Attraverso la visita alle opere delle collezioni permanenti e delle mostre temporanee del museo, gli alunni avranno modo di confrontarsi attivamente con gli spazi museali e i contenuti scientifici, sviluppando un proprio processo creativo, critico ed espressivo.
Scuola dell'infanzia:
Come Braque e Picasso - Creare e ricreare, attraverso un collage, forme e sculture che più hanno colpito i bambini durante la visita gioco/guidata.
La mia mano...un'opera d'arte - I bambini scopriranno che le loro mani possono assumere forme diverse e le useranno come sagome per disegnare animali ed oggetti.
Disegnare il marmo - Partendo da una sezione della nostra mostra permanente, i bambini creano la loro opera d'arte disegnando su fogli di carta marmorizzata.

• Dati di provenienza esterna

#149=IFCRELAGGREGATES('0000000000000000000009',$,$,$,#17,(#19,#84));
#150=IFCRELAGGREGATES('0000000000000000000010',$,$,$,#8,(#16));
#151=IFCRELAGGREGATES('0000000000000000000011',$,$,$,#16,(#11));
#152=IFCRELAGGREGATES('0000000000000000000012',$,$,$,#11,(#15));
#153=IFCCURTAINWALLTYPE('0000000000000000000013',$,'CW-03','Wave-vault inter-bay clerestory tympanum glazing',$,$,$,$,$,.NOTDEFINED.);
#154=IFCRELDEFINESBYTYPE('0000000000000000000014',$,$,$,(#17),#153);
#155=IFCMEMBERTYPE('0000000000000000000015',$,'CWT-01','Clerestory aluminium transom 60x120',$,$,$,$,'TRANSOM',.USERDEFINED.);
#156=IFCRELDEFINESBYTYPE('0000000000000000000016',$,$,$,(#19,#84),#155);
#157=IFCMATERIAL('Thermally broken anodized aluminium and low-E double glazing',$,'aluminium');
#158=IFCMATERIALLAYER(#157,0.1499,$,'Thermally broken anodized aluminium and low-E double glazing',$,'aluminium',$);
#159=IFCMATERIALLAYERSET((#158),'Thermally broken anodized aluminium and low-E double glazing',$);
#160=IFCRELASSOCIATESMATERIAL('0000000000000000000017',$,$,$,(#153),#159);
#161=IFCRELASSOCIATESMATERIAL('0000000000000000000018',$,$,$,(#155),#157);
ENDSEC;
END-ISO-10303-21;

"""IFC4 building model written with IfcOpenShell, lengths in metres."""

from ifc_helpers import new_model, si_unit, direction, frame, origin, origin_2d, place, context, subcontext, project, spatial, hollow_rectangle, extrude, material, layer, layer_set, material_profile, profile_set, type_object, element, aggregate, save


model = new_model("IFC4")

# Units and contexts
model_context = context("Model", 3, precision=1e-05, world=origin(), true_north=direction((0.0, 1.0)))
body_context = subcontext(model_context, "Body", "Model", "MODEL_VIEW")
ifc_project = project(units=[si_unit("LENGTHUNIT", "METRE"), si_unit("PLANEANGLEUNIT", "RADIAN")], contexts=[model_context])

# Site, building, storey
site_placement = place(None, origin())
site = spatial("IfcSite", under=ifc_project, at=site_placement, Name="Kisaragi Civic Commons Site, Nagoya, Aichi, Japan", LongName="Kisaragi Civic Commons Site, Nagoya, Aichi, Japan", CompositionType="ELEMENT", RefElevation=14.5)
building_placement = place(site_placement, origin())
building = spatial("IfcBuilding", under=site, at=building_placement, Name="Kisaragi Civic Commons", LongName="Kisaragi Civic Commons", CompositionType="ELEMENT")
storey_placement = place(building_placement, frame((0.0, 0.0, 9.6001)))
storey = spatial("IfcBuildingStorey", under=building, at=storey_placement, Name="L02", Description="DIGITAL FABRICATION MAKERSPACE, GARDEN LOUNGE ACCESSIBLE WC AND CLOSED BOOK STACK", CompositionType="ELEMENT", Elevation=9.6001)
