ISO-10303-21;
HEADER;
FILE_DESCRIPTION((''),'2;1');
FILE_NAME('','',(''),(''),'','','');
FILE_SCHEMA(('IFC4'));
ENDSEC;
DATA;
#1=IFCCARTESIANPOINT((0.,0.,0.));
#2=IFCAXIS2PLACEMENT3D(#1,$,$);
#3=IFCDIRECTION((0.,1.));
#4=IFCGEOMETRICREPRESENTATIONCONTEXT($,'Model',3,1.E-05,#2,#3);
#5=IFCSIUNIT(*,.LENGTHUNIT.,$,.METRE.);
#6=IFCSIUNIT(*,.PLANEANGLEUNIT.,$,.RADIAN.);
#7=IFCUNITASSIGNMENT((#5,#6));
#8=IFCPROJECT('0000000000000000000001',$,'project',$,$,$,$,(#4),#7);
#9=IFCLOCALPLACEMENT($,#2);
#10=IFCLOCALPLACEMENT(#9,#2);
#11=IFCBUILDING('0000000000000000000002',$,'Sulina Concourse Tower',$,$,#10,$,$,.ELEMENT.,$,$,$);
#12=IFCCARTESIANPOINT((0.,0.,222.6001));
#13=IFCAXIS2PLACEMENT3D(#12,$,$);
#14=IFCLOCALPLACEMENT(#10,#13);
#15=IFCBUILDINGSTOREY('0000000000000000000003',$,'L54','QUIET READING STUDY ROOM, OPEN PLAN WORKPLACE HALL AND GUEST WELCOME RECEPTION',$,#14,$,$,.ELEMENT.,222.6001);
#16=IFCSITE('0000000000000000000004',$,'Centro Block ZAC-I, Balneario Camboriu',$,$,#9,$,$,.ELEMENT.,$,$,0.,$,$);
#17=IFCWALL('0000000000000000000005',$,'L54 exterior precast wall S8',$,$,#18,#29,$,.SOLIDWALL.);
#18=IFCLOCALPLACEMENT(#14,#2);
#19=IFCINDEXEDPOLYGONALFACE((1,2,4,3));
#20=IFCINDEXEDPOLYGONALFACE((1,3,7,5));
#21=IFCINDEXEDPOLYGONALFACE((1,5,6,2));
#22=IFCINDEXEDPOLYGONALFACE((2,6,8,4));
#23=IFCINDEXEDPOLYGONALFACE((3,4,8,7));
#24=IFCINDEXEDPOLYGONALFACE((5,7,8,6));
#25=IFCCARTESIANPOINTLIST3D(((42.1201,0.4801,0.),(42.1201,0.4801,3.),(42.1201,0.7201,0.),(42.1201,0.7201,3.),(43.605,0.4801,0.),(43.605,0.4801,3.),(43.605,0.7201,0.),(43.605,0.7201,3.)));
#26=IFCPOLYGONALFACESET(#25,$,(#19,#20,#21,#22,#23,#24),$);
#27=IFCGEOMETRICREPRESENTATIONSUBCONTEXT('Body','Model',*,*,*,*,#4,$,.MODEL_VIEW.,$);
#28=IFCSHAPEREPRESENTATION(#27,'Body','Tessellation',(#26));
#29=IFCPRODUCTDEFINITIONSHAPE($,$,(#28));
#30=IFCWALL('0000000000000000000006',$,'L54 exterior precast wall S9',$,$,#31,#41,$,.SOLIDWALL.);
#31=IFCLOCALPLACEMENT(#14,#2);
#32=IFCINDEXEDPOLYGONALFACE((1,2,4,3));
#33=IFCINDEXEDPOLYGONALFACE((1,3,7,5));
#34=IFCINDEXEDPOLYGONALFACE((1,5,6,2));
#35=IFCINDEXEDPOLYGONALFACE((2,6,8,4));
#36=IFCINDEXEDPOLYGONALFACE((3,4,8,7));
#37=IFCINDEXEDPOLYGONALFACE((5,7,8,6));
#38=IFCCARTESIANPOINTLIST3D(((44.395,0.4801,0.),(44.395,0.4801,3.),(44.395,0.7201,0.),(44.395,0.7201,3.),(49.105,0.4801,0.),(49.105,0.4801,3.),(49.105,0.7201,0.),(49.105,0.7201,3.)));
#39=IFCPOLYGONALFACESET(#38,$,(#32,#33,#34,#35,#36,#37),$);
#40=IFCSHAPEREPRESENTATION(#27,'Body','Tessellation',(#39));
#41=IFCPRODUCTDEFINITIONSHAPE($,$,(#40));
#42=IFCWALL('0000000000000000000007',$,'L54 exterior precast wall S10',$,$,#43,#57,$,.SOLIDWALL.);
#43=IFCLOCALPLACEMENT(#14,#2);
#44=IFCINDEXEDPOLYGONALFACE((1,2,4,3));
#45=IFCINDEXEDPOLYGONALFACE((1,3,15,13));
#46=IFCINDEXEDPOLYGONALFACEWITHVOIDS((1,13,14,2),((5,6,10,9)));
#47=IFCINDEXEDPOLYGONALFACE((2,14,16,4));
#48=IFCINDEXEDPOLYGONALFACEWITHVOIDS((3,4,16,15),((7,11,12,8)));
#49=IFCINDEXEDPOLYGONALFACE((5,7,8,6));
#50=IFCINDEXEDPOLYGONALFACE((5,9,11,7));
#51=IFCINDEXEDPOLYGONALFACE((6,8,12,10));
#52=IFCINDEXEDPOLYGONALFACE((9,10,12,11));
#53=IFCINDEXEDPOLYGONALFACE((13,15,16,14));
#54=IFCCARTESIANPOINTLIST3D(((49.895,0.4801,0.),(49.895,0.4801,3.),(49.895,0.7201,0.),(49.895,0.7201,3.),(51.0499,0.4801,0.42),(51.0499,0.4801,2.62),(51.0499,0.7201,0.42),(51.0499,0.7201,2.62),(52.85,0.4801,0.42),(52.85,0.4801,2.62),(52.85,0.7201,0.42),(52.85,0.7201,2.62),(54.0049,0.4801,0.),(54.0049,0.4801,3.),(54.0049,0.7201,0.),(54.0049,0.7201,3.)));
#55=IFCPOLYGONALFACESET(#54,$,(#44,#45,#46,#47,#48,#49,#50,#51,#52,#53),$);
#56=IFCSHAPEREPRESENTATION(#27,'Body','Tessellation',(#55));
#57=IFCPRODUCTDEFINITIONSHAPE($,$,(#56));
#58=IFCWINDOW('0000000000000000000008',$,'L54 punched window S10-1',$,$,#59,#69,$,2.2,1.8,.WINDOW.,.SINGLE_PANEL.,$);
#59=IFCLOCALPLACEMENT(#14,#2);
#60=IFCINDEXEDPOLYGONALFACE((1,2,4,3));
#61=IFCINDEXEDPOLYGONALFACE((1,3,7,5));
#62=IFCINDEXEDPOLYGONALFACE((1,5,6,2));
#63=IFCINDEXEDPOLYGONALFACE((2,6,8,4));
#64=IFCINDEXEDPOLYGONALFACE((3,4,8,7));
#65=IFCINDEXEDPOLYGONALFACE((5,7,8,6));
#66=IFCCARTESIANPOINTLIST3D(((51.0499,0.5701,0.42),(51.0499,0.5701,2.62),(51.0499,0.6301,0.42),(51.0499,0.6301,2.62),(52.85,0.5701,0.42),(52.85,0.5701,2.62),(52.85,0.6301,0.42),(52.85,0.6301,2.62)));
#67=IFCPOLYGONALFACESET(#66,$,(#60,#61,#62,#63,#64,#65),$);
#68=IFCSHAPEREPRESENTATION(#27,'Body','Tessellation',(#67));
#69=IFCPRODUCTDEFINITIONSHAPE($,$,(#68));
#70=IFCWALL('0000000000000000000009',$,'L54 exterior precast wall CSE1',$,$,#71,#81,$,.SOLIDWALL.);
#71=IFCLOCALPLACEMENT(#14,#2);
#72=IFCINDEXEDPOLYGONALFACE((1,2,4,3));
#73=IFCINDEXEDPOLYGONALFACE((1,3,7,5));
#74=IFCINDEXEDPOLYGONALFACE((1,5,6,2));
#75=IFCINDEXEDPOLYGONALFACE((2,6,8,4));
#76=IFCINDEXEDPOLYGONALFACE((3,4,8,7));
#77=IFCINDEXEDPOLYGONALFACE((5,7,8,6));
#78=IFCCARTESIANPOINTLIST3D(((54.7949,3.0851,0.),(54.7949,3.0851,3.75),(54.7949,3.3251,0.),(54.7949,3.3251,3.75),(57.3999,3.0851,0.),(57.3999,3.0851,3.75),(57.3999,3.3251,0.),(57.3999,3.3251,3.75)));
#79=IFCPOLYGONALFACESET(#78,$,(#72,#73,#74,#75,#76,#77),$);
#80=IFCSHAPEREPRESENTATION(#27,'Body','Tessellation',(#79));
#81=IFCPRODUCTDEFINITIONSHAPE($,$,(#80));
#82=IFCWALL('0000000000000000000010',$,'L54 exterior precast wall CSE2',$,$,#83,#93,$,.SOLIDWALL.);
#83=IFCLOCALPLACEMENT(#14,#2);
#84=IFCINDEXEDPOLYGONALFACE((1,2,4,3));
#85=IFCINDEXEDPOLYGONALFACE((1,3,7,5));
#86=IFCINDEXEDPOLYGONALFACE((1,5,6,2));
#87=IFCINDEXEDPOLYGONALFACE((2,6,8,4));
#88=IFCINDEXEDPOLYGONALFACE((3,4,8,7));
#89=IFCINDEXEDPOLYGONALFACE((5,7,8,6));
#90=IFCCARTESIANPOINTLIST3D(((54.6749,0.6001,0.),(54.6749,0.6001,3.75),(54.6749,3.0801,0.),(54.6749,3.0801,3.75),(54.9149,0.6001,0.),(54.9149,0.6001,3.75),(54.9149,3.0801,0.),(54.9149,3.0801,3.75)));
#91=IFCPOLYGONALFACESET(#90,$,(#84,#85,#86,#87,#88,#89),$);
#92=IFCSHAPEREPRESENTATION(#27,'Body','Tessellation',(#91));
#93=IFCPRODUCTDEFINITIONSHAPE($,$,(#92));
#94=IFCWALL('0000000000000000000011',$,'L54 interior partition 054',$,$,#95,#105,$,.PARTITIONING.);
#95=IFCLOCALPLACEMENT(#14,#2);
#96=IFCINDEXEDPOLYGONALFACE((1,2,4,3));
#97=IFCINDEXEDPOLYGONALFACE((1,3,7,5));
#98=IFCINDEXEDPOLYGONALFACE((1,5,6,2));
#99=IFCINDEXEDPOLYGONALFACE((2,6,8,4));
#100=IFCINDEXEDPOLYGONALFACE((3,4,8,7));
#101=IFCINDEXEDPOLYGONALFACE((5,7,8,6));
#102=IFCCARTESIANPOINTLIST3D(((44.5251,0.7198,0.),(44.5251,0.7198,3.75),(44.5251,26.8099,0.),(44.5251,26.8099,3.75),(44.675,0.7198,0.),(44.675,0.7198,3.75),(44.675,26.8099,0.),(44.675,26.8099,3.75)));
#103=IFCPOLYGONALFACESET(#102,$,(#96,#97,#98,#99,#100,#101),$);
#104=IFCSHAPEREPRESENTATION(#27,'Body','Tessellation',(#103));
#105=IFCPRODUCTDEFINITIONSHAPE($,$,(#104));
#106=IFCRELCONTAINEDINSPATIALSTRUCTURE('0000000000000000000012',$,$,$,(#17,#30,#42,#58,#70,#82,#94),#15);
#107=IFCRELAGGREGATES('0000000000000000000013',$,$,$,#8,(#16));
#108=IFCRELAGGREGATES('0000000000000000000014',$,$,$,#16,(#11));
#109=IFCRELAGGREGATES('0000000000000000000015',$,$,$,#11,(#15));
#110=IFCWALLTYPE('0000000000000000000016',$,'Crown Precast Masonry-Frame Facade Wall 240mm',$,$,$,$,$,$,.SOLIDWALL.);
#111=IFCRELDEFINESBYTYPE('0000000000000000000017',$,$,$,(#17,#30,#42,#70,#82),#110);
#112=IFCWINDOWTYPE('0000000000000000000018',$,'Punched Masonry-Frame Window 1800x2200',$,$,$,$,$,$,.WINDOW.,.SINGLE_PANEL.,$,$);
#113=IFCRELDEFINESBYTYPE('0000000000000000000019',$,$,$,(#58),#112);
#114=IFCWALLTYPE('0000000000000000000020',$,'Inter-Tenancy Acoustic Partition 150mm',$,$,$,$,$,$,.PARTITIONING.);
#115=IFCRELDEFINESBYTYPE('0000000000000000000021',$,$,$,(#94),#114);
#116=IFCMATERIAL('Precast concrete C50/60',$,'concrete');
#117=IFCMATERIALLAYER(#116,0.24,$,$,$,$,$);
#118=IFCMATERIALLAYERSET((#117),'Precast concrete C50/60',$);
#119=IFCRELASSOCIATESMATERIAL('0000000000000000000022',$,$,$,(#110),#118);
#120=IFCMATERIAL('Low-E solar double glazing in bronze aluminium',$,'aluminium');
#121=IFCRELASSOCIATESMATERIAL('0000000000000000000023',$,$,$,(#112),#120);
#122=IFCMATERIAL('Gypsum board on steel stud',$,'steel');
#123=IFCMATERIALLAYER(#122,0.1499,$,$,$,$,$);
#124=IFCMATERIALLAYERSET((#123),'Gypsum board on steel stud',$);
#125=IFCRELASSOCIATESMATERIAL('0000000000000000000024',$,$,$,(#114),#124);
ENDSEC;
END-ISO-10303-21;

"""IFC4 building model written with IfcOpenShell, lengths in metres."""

from ifc_helpers import new_model, si_unit, direction, frame, frame_2d, origin, place, context, subcontext, project, spatial, rectangle, extrude, material, layer, layer_set, type_object, element, fill, save


model = new_model("IFC4")

# Units and contexts
model_context = context("Model", 3, precision=1e-05, world=origin(), true_north=direction((0.0, 1.0)))
body_context = subcontext(model_context, "Body", "Model", "MODEL_VIEW")
ifc_project = project(units=[si_unit("LENGTHUNIT", "METRE"), si_unit("PLANEANGLEUNIT", "RADIAN")], contexts=[model_context])

# Site, building, storey
site_placement = place(None, origin())
site = spatial("IfcSite", under=ifc_project, at=site_placement, Name="Centro Block ZAC-I, Balneario Camboriu", CompositionType="ELEMENT", RefElevation=0.0)
building_placement = place(site_placement, origin())
building = spatial("IfcBuilding", under=site, at=building_placement, Name="Sulina Concourse Tower", CompositionType="ELEMENT")
storey_placement = place(building_placement, frame((0.0, 0.0, 222.6001)))
storey = spatial("IfcBuildingStorey", under=building, at=storey_placement, Name="L54", Description="QUIET READING STUDY ROOM, OPEN PLAN WORKPLACE HALL AND GUEST WELCOME RECEPTION", CompositionType="ELEMENT", Elevation=222.6001)

# Walls
ifc_material_1 = material(Name="Precast concrete C50/60", Category="concrete")
ifc_layer_1 = layer(ifc_material_1, 0.24)
ifc_layer_set_1 = layer_set([ifc_layer_1], Name="Precast concrete C50/60")
wall_type_1 = type_object("IfcWallType", Name="Crown Precast Masonry-Frame Facade Wall 240mm", PredefinedType="SOLIDWALL", material=ifc_layer_set_1)
wall_1_placement = place(storey_placement, frame((43.605, 0.6001, 0.0), z_axis=(0.0, 0.0, 1.0), x_axis=(-1.0, 0.0, 0.0)))
element("IfcWall", 1, at=wall_1_placement, inside=storey, type_object=wall_type_1, Name="L54 exterior precast wall S8", PredefinedType="SOLIDWALL", context=body_context, shape_type="SweptSolid", body=[
    extrude(rectangle(XDim=1.4849, YDim=0.24, at=frame_2d((0.7424, 0.0))), origin(), (0.0, 0.0, 1.0), 3.0),
])
wall_2_placement = place(storey_placement, frame((49.105, 0.6001, 0.0), z_axis=(0.0, 0.0, 1.0), x_axis=(-1.0, 0.0, 0.0)))
element("IfcWall", 2, at=wall_2_placement, inside=storey, type_object=wall_type_1, Name="L54 exterior precast wall S9", PredefinedType="SOLIDWALL", context=body_context, shape_type="SweptSolid", body=[
    extrude(rectangle(XDim=4.71, YDim=0.24, at=frame_2d((2.355, 0.0))), origin(), (0.0, 0.0, 1.0), 3.0),
])

# Wall, opening, window
wall_3_placement = place(storey_placement, frame((54.0049, 0.6001, 0.0), z_axis=(0.0, 0.0, 1.0), x_axis=(-1.0, 0.0, 0.0)))
wall_3 = element("IfcWall", 3, at=wall_3_placement, inside=storey, type_object=wall_type_1, Name="L54 exterior precast wall S10", PredefinedType="SOLIDWALL", context=body_context, shape_type="SweptSolid", body=[
    extrude(rectangle(XDim=4.1099, YDim=0.24, at=frame_2d((2.0549, 0.0))), origin(), (0.0, 0.0, 1.0), 3.0),
])
opening_placement = place(wall_3_placement, frame((1.155, 0.0, 0.4199)))
opening = element("IfcOpeningElement", 4, at=opening_placement, cuts=wall_3, PredefinedType="OPENING", context=body_context, shape_type="SweptSolid", body=[
    extrude(rectangle(XDim=1.8, YDim=2.2, at=frame_2d((0.8999, 1.1001))), frame((0.0, 0.1299, 0.0), z_axis=(0.0, -1.0, 0.0), x_axis=(1.0, 0.0, 0.0)), (0.0, 0.0, 1.0), 0.26),
])
ifc_material_2 = material(Name="Low-E solar double glazing in bronze aluminium", Category="aluminium")
window_type = type_object("IfcWindowType", Name="Punched Masonry-Frame Window 1800x2200", PartitioningType="SINGLE_PANEL", PredefinedType="WINDOW", material=ifc_material_2)
window_placement = place(opening_placement, origin())
window = element("IfcWindow", 5, at=window_placement, inside=storey, type_object=window_type, Name="L54 punched window S10-1", OverallHeight=2.2, OverallWidth=1.8, PartitioningType="SINGLE_PANEL", PredefinedType="WINDOW", context=body_context, shape_type="SweptSolid", body=[
    extrude(rectangle(XDim=1.8, YDim=2.2, at=frame_2d((0.8999, 1.1001))), frame((0.0, 0.03, 0.0), z_axis=(0.0, -1.0, 0.0), x_axis=(1.0, 0.0, 0.0)), (0.0, 0.0, 1.0), 0.0601),
])
fill(opening, window)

Sculture di carta - Attraverso la tecnica degli origami giapponesi, i ragazzi creano elementi di carta manipolando un foglio.
Scuola primaria:
Sculture di carta - Attraverso la tecnica degli origami giapponesi, i bambini creano elementi di carta manipolando un foglio.
Il pensiero astratto - I bambini saranno invitati a disegnare, su un foglio diviso a metà, un oggetto, una figura umana, degli animali, etc. , sia nel senso figurativo che in quello astratto.
Disegnare il marmo - Partendo da una sezione della nostra mostra permanente, i bambini creano la loro opera d'arte disegnando su fogli di carta marmorizzata.
Riciclo creativo - Secondo il concetto dell' Arte povera, verrà proposto ai bambini di creare "un'opera d'arte" utilizzando materiali poveri, artificiali e naturali.
Come uno scultore - I bambini creano delle piccole sculture partendo da una semplice pallina di plastilina.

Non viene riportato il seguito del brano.